【Paper】KRR: Efficient and Scalable Kernel Record Replay

Introduction

Different RRs

Modern operating system kernels like Linux are enormous and prone to contain bugs. In order to locate these bugs, developers created Virtual Machine Record Replay (VM-RR) to record a faulty kernel execution, and then replay it to identify the bug. However, current implementations of RR are for either application or whole VMs, but there is no dedicated RR for kernels.

Kernel Record Replay

Why do we need a kernel-only RR mechanism? The key reason is that kernel developers are only concerned the kernel itself, not the whole VM. Traditional whole-VM RR records the execution of the whole VM, which requires the execution to be serial (i.e., no parallelization). Serializing the execution effectively imposes a big kernel lock, disabling parallelization and degrading performance to that of a single core or even worse.

To better understand the performance cost, it is crucial to distinguish between parallelization and concurrency. Parallelization means two or more threads progress at the same time, usually on different CPU cores; while concurrency means one thread can run on a CPU core while another thread has started but not finished. Generally, parallelization implies concurrency.

KRR An overview of KRR. But I won't go through all the details here.

Based on this idea, Kernel Record Replay (KRR) records only the kernel execution. This yields much better performance because of two key reasons:

First, KRR requires only the kernel to be serial, allowing user-space execution to remain parallelized. This is an advantage over VM RR because a vCPU runs in user-space most of the time; thus, KRR avoids the overhead incurred by serial user-space execution.

Second, the authors stated that data centers increasingly use kernel-bypassing techniques to avoid kernel overhead. This is also an advantage for KRR because it does not have to record these I/O operations.

In summary, by focusing only on kernel execution, we can reduce the record scope to kernel only and thereby avoid the overhead of serializing user-space execution.

Evaluation

To be an effective RR, KRR must satisfy two criteria:

  1. It must reproduce kernel bugs, and
  2. It must have low record overhead and fast replay.

For bug reproducibility, the authors reproduced 16 out of 17 randomly chosen kernel bugs and successfully reproduced all 5 chosen CVEs. These result confirms the effectiveness of bug reproduction.

Regarding record overhead, KRR incurs 1.52x to 2.79x slowdown compared to native execution, while VM-RR's slowdown is much higher: 8.97x to 29.94x. This clearly shows that we can significantly reduce the overhead.

Ideas

More Fine-grained RR

This paper earned three USENIX badges and the source code is available. Looking at the repository, one of my lab members noted that this project took a PhD student more than two years to complete. It's likely that a much more fine-grained RR would require even more development time. This leads to a key research question: How can we develop a complex RR mechanism more effortlessly?

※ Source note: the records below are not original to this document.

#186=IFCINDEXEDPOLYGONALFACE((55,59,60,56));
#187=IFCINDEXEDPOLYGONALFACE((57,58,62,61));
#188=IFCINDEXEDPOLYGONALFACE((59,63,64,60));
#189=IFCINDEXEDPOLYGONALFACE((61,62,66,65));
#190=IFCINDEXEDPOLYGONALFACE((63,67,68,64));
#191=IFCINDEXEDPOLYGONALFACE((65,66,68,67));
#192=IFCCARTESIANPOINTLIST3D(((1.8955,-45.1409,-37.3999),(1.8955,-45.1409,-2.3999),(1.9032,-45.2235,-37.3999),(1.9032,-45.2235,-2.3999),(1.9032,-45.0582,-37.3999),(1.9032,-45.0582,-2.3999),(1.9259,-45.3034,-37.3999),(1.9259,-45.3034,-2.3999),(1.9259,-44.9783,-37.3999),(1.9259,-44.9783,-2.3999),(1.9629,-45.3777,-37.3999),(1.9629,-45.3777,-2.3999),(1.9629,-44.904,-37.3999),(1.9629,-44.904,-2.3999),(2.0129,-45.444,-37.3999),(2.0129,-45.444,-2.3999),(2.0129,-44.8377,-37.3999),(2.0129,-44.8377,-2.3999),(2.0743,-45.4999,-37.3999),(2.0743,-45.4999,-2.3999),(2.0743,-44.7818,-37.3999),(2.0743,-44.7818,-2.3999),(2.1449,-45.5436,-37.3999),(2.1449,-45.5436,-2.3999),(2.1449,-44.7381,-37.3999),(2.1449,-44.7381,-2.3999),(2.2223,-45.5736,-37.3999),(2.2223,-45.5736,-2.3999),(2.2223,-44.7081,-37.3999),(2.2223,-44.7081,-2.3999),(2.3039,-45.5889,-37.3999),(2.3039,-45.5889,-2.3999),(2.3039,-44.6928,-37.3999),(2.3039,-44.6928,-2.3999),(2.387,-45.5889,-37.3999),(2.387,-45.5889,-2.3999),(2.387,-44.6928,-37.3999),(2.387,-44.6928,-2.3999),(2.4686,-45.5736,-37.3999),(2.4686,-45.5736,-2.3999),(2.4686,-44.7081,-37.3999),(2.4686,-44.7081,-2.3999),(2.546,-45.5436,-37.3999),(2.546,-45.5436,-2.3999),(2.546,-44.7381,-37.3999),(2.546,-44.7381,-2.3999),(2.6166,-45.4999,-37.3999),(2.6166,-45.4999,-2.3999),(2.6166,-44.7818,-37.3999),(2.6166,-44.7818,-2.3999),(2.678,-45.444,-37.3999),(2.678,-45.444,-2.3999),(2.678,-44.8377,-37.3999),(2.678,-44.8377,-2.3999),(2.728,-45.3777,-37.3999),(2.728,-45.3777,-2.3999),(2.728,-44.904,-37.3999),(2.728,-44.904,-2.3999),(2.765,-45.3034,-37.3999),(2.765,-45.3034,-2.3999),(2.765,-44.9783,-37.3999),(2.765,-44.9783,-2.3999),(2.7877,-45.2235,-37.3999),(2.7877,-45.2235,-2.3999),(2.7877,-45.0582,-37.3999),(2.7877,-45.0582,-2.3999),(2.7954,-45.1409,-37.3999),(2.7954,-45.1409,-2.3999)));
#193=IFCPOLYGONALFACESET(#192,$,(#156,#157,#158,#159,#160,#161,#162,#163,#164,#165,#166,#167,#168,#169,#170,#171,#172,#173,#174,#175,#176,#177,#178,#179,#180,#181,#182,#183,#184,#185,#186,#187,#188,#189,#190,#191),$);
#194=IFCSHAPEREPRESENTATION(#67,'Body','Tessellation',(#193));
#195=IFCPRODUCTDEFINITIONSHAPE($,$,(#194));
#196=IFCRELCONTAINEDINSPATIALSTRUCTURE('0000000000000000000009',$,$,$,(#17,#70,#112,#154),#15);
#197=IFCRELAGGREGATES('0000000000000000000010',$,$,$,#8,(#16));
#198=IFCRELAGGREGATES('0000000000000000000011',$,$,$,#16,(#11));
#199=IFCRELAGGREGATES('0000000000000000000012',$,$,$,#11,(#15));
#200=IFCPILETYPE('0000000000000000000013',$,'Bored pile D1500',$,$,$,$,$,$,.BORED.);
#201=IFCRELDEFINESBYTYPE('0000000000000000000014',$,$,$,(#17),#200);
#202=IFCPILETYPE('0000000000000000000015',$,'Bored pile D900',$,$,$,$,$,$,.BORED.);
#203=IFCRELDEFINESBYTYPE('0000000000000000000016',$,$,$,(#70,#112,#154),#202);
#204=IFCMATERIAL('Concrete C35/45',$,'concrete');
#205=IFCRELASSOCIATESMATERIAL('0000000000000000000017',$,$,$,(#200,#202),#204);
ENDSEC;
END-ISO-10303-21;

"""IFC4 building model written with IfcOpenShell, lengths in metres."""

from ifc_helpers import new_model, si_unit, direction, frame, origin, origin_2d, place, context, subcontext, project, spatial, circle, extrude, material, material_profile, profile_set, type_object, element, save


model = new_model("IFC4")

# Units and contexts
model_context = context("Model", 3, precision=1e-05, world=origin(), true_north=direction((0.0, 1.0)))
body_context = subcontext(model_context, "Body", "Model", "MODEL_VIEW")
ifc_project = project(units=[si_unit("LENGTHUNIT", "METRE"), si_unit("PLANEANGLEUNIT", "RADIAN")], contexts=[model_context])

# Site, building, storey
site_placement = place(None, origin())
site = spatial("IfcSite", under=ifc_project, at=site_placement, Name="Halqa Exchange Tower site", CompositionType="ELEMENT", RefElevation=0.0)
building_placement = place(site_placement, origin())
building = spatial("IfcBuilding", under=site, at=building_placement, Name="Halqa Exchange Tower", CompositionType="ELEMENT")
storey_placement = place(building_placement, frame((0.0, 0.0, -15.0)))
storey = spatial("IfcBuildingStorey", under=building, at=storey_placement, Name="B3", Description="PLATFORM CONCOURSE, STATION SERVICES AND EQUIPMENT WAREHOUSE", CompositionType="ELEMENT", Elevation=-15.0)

Why We Can't Record True Parallel Execution?

The biggest challenge for KRR and VM-RR is parallelism. They must serialize the execution of their record target. This begs a natural question would be:

Do we truly need serialization, or can we record truly parallel execution?

I suspect we can't record truly parallel execution. Even two cores reach the same record point at the same time, there's no guarantee that they would get exact same timestamp. This problem looks like it might be a undecidable problem.